The infamous “burn after reading” letter, written by Roberta Laundrie to her son Brian Laundrie, has been released to the public in full by an attorney for the parents of Gabby Petito.
The letter contains a reference to Brian Laundrie in jail or needing to “dispose of a body.” It was found among Laundrie’s items by FBI agents who searched the Laundries’ house before Petito’s body was found in Wyoming, as CrimeOnline previously reported.
Brian Laundrie was found dead in October 2021 from a self-inflicted gunshot wound in a Florida swamp, where he fled after returning from his ill-fated cross-country van trip with Petito. In a meandering entry in his journal, found near his body, Laundrie confessed to killing Petito, whose body was found in Bridger-Teton National Forest in September.
“If you’re in jail I will bake a cake with a file in it. If you need to dispose of a body. I will show up with a shovel and garbage bags.”
This is the Roberta Laundrie “burn after reading” letter she gave to Brian Laundrie.
Sent to me by Petito family attorney. pic.twitter.com/VIiLk3wa4J— Brian Entin (@BrianEntin) May 25, 2023
Laundrie’s return home to Florida that month — alone — sparked a desperate search for Petito after he and his parents refused to speak with Petito’s parents about what happened. At first, Petito’s parents were even unaware that Laundrie was back in Florida.
Her parents — Joe Petito and Nichole Schmidt — have filed suit against Roberta and Christopher Laundrie, alleging that they knew their son had killed Petito and kept it from them. The Laundries fought to keep the undated letter out of evidence in the case, but on Wednesday, Florida Judge Danielle Brewer ruled that the letter was admissible, and the Laundries’ attorney, Matthew Lukda, handed over several copies of the letter, the New York Post reported.
Petito and Schmidt’s attorney, Pat Reilly, sent copies to multiple news agencies.
“I just want you to know I will always love you, and I know you will always love me,” the 2-page letter begins. “Nothing can make me stop loving you, nothing will or could ever divide us.

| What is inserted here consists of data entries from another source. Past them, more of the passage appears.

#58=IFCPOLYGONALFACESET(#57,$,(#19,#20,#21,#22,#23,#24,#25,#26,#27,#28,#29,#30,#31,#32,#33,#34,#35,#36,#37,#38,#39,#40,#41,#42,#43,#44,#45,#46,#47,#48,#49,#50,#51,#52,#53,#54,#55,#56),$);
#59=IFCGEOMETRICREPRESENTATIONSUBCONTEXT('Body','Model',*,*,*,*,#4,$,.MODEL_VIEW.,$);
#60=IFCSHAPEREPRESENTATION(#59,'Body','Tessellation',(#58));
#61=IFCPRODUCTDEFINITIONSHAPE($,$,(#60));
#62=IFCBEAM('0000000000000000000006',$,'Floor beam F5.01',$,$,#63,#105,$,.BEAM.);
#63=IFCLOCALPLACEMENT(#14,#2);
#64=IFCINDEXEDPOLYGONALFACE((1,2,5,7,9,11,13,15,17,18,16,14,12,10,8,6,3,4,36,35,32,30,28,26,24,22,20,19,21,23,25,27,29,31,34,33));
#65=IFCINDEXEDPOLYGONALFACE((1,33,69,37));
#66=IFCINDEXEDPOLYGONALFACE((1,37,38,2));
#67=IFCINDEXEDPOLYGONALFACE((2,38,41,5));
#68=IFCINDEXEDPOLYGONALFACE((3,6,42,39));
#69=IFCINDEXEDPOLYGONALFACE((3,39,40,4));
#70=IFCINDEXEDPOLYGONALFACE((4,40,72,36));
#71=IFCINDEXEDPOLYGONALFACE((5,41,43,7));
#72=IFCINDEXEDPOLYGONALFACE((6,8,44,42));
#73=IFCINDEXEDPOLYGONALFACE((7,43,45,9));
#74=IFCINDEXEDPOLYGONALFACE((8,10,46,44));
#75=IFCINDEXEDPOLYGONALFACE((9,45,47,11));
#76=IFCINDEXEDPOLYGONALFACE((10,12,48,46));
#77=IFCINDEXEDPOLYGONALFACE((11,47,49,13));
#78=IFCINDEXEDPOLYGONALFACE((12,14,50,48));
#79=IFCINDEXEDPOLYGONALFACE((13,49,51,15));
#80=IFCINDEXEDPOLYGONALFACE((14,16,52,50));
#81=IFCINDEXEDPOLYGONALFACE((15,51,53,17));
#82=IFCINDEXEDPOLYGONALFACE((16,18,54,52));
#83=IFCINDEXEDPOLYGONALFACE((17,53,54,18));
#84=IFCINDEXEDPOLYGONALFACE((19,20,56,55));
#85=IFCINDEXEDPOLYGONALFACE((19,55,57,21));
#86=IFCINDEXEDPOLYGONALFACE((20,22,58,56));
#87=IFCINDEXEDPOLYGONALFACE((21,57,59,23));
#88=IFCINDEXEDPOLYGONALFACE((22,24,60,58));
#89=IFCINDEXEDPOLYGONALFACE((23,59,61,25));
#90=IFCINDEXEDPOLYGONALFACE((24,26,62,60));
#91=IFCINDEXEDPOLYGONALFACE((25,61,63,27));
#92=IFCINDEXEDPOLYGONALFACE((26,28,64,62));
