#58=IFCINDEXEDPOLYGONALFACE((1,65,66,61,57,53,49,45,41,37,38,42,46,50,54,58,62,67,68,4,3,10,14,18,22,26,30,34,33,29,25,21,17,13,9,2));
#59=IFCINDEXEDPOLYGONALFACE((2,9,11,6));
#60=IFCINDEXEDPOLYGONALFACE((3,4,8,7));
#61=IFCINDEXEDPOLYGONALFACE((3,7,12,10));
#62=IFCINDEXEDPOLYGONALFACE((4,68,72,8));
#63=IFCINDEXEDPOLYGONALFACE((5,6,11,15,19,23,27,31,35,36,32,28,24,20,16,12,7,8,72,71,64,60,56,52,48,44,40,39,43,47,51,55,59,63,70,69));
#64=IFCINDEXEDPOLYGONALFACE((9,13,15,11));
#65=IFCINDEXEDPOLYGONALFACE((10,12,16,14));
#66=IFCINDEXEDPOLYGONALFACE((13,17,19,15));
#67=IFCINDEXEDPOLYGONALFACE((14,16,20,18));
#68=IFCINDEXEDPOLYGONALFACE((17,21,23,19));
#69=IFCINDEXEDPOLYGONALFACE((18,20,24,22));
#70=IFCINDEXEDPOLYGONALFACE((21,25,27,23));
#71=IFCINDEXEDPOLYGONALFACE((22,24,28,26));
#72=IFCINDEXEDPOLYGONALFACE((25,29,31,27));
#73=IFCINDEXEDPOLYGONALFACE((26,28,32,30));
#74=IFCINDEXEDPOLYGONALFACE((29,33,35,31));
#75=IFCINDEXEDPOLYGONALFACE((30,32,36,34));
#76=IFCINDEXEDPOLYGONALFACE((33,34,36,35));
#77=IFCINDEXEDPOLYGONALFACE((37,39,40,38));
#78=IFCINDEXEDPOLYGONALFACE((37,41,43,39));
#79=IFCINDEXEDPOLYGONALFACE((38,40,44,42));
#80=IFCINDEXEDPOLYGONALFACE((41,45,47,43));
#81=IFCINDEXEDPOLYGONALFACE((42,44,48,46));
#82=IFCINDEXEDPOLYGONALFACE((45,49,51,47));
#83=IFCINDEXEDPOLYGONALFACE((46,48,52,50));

No matter what we do, or where we go or what we say — we will always love each other.”
“If you’re in jail, I will bake a cake with a file in it. If you need to dispose of a body, I will show up with a shovel and garbage bags. If you fly to the moon, I will be watching the skies for your re-entry. If you say you hate my guts, I will get new guts.
“Remember that love is a verb, not a noun. It’s not a thing, it is not words, it is actions. Watch people’s actions to know if they love you — not their words.”
Roberta Laundrie next quotes a passage from the Bible, Romans 8:38-39, about there being no power anywhere that could “separate our love,” although she replaces the last dozen words of the passage with an ellipis. The missing phrase is ” … from the love of God that is in Christ Jesus our Lord.”
She concludes: “(Nothing can separate us: not hatred, not hunger, not homelessness, not threats, not even sin, not the thinkable or unthinkable can get between us.)
~ Not time. Not miles and miles and miles. ~
Roberta Laundrie addressed the letter to her son using his full name, Brian Christopher Laundrie, and included the “burn after reading phrase” on one side of the outer folds. The other side includes what appears to be a stamp of the bird seen on the cover of the first edition of the horror-satire novel “Lullaby” by Chuck Palahniuk, published in 2002, and the word “Remember … .” Laundrie is seen with a copy of the book on some of the photos taken during his trip with Petito.
The bird on the novel’s cover is upside down; the bird on the letter is right side up.
Roberta Laundrie has previously said that the letter was written and given to her son before he and Petito left for their road trip and that it “was to reach out to Brian while he and I were experiencing a difficult period in our relationship,” as CrimeOnline previously reported.
The “burn after reading” reference, she said, actually referred to a book called “Burn After Writing” — now a series of books containing aids to journaling — that Petito had given her son.
She further said that other references in the letter are to children’s books that were favorites of her son as a child — “The Runaway Bunny” and “Little Bear.”
In the court room on Wednesday, Reilly held up copies two of those books and said he found no references to shovels or burying bodies in them the Post said.